At one point early this morning a very large crowd of people stood and sang hymns of praise to God. As with the aftermath of Katrina, we all find that we're same and that our faith is what sees us through. I'm not known for having a lot of faith in God, but I very much respect that quality of faith that humans have in their God.


----------



## AngieM2 (May 10, 2002)

SS - thanks for the synopsis of what you've found out.
I've seen parts of your report on the news, other parts I did not know.

Angie


----------



## shanzone2001 (Dec 3, 2009)

Randy Rooster said:


> just heard on the radio that their largest prison was damaged and the inmates have escaped.
> 
> What a disaster


Looting, violence, unsanitary conditions, no food or clean water, no medical care...all those poor children...All I can do right now is pray and feel...utterly and essentially useless....

I just went to the link and saw the pictures. I had to go hug my sleeping children....


----------



## naturelover (Jun 6, 2006)

I went looking for information about which reputable relief organizations are being recommended to make charitable donations to. 

America -
http://www.cnn.com/SPECIALS/2007/impact/ 

Canada -
http://www.ctvbc.ctv.ca/servlet/an/...aiti_100113/20100113/?hub=BritishColumbiaHome

.


----------



## shanzone2001 (Dec 3, 2009)

naturelover said:


> I went looking for information about which reputable relief organizations are being recommended to make charitable donations to.
> 
> America -
> http://www.cnn.com/SPECIALS/2007/impact/
> ...


Thanks for posting those links....


----------



## soulsurvivor (Jul 4, 2004)

Loss of life estimates are ranging anywhere from 100,000 to 500,000. At the bottom of the article there's an eye witness report by a Channel 13 news reporter that's in Port au Prince on a mission trip. I prefer eye witness reports.
http://cfnews13.com/News/Local/2010/1/13/help_rushes_to_haiti_after_catastrophic_earthquake.html

And this is a photo story link by boston.com called The Big Picture, which is something this site always does following major world events. It will be updated daily throughout this tragedy, just as they did with the Katrina aftermath.
http://www.boston.com/bigpicture/2010/01/earthquake_in_haiti.html

And adding in this link for CNN news updates on the aftermath of the Haiti earthquake:
http://www.cnn.com/2010/WORLD/americas/01/13/haiti.updates/index.html


----------



## Wisconsin Ann (Feb 27, 2007)

texican said:


> Driving home I got depressed and wondered what I could do. The thought of adopting some orphans crossed my mind. Then I thought about my last year's income and realized I'd probably not pass the standard. {My best client hasn't paid anything in a year... I get paid when they get paid... which is hopefully soon, as I'm scraping the bottom}


sorry about your client there....but times are tough and it's good of you to not push for payment....but man... a YEAR?

anyway.
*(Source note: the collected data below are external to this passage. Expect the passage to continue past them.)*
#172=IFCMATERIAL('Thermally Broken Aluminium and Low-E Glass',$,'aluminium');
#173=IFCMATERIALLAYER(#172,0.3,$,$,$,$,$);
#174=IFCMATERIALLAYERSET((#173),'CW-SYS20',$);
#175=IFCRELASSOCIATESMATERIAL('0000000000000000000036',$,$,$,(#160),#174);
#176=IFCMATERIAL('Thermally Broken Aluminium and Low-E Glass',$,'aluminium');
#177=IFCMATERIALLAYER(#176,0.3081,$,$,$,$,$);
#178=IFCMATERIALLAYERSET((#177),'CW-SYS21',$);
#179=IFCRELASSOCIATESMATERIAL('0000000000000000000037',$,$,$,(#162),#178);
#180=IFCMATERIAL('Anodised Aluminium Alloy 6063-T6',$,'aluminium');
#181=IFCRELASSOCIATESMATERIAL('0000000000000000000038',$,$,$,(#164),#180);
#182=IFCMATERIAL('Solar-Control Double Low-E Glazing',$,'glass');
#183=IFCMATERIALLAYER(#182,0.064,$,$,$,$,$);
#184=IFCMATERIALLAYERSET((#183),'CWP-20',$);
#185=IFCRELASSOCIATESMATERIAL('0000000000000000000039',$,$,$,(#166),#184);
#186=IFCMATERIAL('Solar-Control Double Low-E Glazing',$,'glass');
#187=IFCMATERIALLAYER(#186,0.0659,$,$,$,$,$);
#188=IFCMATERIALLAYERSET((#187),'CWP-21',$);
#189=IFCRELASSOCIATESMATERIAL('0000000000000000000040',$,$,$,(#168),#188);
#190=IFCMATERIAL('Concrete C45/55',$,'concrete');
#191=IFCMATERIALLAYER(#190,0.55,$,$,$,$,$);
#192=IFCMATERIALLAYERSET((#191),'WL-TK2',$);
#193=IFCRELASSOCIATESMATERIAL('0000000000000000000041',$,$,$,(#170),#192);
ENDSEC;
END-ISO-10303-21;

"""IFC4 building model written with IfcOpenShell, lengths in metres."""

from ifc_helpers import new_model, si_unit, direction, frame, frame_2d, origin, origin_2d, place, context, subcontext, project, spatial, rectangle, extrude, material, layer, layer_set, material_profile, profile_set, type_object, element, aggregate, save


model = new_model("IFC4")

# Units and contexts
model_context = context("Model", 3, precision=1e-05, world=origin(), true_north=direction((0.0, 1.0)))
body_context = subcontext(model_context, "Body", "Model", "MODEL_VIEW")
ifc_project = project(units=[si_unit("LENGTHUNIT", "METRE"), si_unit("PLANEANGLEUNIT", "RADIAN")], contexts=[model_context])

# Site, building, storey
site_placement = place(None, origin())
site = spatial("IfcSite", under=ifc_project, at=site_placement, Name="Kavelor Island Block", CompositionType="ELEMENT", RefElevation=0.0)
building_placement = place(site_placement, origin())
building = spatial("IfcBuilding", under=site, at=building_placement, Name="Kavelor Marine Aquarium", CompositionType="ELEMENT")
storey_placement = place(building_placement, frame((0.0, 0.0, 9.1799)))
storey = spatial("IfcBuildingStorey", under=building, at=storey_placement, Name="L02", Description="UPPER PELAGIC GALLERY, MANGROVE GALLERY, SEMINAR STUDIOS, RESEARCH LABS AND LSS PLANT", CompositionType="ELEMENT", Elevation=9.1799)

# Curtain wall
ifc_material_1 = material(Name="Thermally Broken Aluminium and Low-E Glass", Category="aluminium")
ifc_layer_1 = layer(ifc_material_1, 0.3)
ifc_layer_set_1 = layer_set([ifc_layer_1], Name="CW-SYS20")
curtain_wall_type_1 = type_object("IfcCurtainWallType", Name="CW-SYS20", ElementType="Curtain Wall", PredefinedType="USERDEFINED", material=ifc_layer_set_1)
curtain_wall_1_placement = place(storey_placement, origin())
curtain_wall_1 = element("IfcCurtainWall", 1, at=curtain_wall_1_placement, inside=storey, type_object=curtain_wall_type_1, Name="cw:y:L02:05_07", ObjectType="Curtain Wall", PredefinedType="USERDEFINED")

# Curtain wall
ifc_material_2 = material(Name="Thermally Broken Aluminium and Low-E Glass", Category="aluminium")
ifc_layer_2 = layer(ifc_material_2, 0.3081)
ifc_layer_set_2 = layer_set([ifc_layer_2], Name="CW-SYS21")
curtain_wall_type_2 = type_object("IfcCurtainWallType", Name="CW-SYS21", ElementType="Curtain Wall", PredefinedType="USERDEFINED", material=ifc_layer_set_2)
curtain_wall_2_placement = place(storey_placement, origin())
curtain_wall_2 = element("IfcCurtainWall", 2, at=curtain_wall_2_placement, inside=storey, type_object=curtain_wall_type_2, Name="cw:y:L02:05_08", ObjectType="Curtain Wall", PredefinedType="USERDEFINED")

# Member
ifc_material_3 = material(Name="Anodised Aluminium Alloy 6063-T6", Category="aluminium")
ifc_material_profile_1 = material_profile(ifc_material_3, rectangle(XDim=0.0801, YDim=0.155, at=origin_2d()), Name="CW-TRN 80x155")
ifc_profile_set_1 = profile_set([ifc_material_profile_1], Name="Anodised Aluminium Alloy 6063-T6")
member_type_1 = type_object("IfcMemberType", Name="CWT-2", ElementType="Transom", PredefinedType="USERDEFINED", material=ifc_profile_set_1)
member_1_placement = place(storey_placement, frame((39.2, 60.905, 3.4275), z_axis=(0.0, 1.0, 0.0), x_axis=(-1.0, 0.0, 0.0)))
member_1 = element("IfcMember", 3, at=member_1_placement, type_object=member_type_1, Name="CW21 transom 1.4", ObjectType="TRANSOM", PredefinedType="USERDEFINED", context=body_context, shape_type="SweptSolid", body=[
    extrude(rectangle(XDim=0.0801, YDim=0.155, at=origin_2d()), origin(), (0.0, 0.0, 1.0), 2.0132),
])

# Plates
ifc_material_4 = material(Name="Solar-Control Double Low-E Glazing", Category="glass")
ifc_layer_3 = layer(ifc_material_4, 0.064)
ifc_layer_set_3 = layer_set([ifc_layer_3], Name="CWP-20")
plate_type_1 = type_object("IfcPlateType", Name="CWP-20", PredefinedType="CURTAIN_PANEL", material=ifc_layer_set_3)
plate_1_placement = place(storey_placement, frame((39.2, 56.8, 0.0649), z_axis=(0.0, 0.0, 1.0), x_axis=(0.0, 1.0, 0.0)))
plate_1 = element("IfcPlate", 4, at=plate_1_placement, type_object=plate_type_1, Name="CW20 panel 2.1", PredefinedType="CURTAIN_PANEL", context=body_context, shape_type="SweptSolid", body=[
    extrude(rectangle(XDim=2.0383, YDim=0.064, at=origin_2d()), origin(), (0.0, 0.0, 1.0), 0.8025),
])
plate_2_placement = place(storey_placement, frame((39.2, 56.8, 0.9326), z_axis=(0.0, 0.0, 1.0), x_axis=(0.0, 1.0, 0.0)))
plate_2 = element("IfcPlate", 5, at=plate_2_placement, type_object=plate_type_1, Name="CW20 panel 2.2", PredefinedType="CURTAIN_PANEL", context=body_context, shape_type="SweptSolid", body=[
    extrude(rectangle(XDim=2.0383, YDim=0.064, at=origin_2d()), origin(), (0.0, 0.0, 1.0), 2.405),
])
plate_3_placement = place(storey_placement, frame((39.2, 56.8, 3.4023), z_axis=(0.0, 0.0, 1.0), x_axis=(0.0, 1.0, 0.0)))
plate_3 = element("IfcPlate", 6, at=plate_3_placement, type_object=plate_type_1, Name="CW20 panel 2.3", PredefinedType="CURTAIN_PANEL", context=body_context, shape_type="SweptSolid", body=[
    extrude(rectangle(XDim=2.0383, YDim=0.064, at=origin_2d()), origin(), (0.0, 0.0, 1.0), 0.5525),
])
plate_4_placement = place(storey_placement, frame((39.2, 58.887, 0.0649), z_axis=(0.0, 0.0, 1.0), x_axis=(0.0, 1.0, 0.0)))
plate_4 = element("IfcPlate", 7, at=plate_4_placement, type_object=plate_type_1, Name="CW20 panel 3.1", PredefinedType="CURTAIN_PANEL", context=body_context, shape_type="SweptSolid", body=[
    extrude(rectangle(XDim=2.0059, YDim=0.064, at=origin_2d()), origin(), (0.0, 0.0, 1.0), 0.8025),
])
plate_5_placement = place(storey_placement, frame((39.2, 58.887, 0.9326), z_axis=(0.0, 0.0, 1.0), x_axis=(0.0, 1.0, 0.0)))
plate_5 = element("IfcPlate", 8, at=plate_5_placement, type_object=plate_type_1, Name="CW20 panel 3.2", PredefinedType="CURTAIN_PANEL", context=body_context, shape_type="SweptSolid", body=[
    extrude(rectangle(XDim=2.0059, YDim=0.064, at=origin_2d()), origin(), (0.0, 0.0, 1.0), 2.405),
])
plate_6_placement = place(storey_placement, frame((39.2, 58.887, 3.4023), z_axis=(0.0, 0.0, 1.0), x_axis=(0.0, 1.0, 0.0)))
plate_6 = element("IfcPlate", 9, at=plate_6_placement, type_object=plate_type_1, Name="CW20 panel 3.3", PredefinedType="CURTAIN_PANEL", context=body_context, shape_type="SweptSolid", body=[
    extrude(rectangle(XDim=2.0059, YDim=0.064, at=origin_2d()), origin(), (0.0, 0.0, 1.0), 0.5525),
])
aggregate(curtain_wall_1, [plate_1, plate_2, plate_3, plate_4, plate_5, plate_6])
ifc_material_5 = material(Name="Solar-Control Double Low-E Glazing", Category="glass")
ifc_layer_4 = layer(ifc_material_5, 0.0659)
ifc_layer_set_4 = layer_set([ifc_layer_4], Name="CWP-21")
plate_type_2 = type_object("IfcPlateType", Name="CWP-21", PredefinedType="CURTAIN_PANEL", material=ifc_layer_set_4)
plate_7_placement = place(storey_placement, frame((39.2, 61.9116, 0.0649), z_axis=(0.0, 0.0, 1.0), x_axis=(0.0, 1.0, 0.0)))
Ways to help in the long term.Bare with me...I'm thinking outloud.... What about putting the survival and prepping brains to work...HARD WORK....if the people who do this daily...who know how to get water flowing, how to make filters, how to turn something other than wood into heating.... What about somehow finding a way to get these ideas, projects, plans (physical plans would be a good thing)...to the missions or people who are in Haiti all year round trying to help? 

It's a slow go...but it's the only way they're ever going to be self sufficient. The place has BEAUTIFUL scenery..but the poverty is everywhere, the crime rate is horrendous...so tourists go elsewhere. There is no reason that they can't flourish just as The Domincan Republic has. 

At a guess....intuition, perhaps....this is being thought about all over the place. How to help longterm. It's been destroyed now and will have to rebuild from the ground up. It's time to do it RIGHT.

me...I've contacted a couple of the local organizations that have, for lack of a better term, set up shop in Haiti for the last 5 years. Right NOW they don't need people (sigh) they need money so they can buy medical stuff. After the initial few weeks, they say they'll need people to help rebuild. so...sent in my donation and put my name on the list of people to call when they're ready.


----------



## ovsfarm (Jan 14, 2003)

Ann, I like the way you think! Teach them to fish so they aren't relying on others to bring them fish. I have pondered the situation, but don't have the solution quite yet.

IMO, the Hatians are smart, resourceful, hardworking people. They have had to be or they would have never made it this long. I think the first thing to do would be to determine exactly what it is that THEY want--what constitutes a good life to them. Because too many times I have seen foreigners come in to Latin America trying to promote a happy middle class American lifestyle, which fails miserably the minute they are gone. What plays well in Ohio just doesn't cut it in the Islands.

Secondly, in order for anything to work, there would have to be a stable government that would work for the good of the people, not themselves. And sadly, that model is somewhat lacking in Central Am., South Am., and the Carribbean. If human rights and property rights are not dependable, then no one wants to bother to do anything that will just be swept away a couple of years later when the regime changes.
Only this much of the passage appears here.